Aleksandar Kirovski

Personal information
- Full name: Aleksandar Kirovski
- Date of birth: 25 December 1990 (age 35)
- Place of birth: Belgrade, SFR Yugoslavia
- Height: 1.91 m (6 ft 3 in)
- Position: Goalkeeper

Youth career
- Zemun

Senior career*
- Years: Team / Apps / (Gls)
- 2008–2011: Zemun / 89 / (0)
- 2011–2013: Red Star Belgrade / 2 / (0)
- 2013–2017: Zemun / 73 / (0)
- 2017–2018: Čukarički / 20 / (0)
- 2018: Vardar / 0 / (0)
- 2019: Budućnost Dobanovci / 12 / (0)
- 2019–2020: Žarkovo / 13 / (0)
- 2020: Budućnost Dobanovci / 3 / (0)

International career
- 2008–2009: Serbia U19 / 10 / (0)
- 2011–2012: Serbia U21 / 2 / (0)

Managerial career
- 2021: Borac Sakule (assistant)
- 2022–2023: Partizan (young team–goalkeeping coach)
- 2023–2026: Teleoptik (goalkeeping coach)
- 2024: Partizan (goalkeeping coach)
- 2026–: Bor (analyst)

= Aleksandar Kirovski =

Serbian footballer

Aleksandar Kirovski (Александар Кировски; born 25 December 1990) is a Serbian retired footballer, who played as a goalkeeper, currently works as an analyst in Bor.

==Club career==
Kirovski started his career with Zemun in the 2008–09 season. He was first choice goalkeeper for three seasons, making near 100 official appearances for the club. Kirovski then spent two seasons at Red Star Belgrade, before returning to Zemun in the summer of 2013. Kirovski was elected for the best goalkeeper in the 2016–17 Serbian First League season, by Serbian newspaper Sportski žurnal. On 22 June 2017, Kirovski signed a two-year deal with Čukarički. After a season with Čukarički, Kirovski mutually terminated the contract and left the club following the end of the 2017–18 Serbian SuperLiga campaign. On 20 June, Kirovski was promoted as a new player of Vardar by the sporting director, Darko Pančev. In December 2018, Kirovski terminated the contract with and left Vardar as a free agent, missing to make any official appearance for the club.

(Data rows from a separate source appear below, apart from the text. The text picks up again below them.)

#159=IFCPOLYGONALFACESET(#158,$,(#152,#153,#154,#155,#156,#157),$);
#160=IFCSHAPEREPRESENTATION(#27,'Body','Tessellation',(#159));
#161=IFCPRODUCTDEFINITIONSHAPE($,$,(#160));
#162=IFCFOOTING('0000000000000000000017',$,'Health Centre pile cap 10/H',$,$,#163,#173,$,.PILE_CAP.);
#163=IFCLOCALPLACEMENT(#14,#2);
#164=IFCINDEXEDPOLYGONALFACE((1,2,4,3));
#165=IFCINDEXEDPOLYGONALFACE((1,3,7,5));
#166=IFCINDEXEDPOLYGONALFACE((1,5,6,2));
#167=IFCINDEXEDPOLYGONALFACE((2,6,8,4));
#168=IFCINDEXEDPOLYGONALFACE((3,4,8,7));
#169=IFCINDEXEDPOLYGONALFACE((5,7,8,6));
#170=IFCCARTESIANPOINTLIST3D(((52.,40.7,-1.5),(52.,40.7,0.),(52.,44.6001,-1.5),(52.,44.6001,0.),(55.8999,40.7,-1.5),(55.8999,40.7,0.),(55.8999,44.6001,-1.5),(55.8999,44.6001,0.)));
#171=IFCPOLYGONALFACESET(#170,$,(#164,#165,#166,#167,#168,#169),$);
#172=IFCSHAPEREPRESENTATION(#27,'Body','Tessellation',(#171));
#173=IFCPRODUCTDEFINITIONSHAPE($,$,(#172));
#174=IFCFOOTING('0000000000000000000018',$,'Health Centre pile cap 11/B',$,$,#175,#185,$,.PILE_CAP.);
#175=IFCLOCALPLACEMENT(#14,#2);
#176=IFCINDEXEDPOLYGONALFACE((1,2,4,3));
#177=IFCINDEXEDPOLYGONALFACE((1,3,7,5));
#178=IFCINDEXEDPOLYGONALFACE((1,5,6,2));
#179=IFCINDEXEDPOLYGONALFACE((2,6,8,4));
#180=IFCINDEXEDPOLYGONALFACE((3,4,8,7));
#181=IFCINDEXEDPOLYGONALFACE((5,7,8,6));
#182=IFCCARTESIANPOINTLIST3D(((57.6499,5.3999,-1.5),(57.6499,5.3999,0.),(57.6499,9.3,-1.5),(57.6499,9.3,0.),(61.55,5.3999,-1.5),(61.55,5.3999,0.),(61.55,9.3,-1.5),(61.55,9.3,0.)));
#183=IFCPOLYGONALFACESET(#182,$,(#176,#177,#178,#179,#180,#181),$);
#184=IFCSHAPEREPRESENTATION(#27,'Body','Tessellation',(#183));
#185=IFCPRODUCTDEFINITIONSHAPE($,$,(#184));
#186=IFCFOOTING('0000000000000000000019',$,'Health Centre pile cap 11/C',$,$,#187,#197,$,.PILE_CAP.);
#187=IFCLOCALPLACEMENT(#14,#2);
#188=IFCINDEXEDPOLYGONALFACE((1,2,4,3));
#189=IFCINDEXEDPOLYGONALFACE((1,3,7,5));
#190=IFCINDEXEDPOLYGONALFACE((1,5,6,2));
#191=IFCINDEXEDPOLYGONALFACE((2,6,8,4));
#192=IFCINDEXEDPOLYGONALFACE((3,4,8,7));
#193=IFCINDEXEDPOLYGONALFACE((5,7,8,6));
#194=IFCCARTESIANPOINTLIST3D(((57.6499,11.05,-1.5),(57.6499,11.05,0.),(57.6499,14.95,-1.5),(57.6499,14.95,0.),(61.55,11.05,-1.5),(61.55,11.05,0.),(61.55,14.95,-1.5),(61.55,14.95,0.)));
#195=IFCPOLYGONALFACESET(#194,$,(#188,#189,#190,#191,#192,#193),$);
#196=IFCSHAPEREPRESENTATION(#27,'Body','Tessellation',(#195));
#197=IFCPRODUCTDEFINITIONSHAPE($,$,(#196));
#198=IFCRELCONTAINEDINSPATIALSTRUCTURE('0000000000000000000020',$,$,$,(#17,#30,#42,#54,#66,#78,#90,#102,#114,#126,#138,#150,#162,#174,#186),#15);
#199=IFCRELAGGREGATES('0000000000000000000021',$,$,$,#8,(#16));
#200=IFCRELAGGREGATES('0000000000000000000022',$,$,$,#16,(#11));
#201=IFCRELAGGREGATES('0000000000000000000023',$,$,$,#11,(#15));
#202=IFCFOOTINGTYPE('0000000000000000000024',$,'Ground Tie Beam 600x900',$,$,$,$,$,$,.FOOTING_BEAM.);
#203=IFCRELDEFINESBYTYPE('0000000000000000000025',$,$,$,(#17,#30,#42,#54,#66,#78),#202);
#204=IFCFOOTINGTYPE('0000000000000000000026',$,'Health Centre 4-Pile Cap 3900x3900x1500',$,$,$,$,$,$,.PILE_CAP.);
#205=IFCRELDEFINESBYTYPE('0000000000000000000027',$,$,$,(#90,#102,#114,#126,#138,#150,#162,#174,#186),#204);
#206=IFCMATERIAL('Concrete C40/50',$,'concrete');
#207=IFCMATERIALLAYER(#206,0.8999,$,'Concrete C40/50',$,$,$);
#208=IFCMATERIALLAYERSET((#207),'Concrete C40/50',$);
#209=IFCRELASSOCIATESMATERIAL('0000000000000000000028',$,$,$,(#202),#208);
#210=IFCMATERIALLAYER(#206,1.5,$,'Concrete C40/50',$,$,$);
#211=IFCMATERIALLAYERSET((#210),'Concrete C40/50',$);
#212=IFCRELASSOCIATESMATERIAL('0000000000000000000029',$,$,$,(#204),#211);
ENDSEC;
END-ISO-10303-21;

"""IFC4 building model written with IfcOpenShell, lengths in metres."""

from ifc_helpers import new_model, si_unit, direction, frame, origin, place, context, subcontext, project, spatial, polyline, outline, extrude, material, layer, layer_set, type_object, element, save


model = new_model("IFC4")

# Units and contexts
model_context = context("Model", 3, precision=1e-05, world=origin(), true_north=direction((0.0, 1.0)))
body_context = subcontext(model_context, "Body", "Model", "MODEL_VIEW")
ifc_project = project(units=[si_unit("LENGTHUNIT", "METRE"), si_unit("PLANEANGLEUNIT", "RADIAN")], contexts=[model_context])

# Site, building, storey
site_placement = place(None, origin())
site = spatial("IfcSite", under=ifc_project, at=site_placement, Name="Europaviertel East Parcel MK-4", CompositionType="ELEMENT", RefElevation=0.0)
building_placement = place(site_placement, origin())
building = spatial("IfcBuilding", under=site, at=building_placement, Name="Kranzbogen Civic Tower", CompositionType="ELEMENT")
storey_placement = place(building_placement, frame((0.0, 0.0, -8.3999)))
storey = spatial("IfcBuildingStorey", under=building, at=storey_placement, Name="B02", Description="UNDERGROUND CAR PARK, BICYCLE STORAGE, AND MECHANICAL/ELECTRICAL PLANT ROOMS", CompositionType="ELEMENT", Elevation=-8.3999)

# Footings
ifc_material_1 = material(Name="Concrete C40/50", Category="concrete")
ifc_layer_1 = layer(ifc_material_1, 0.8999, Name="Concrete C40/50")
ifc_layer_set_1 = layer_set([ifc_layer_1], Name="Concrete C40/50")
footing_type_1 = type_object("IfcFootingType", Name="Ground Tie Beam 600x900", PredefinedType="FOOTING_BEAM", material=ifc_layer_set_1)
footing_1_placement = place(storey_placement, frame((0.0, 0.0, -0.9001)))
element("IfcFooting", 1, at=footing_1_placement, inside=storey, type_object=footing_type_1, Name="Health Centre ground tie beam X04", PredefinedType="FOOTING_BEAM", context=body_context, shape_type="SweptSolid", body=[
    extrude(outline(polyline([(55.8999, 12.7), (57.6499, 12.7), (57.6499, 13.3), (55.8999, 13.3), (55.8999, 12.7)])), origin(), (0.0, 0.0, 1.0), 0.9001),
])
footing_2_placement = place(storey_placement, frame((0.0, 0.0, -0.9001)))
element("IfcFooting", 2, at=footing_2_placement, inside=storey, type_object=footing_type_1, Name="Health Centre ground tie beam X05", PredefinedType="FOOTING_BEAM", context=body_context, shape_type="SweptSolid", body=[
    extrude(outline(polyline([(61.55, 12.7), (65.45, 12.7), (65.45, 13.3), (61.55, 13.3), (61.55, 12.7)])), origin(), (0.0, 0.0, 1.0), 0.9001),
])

On 5 February 2019, Kirovski joined FK Budućnost Dobanovci. After a short spell at OFK Žarkovo, Kirovski returned to Budućnost Dobanovci in January 2020, before retiring four months later at the age of 30, in May 2020, after his fifth back surgery.

==International career==
Kirovski represented Serbia at the 2009 UEFA Under-19 Championship. He made his debut for the Serbian national under-21 team in a friendly match against the Bulgarian national under-21 team on 25 March 2011, a 4–1 home win. His second cap came in a 2–0 home friendly win over Moldova U21 on 14 August 2012.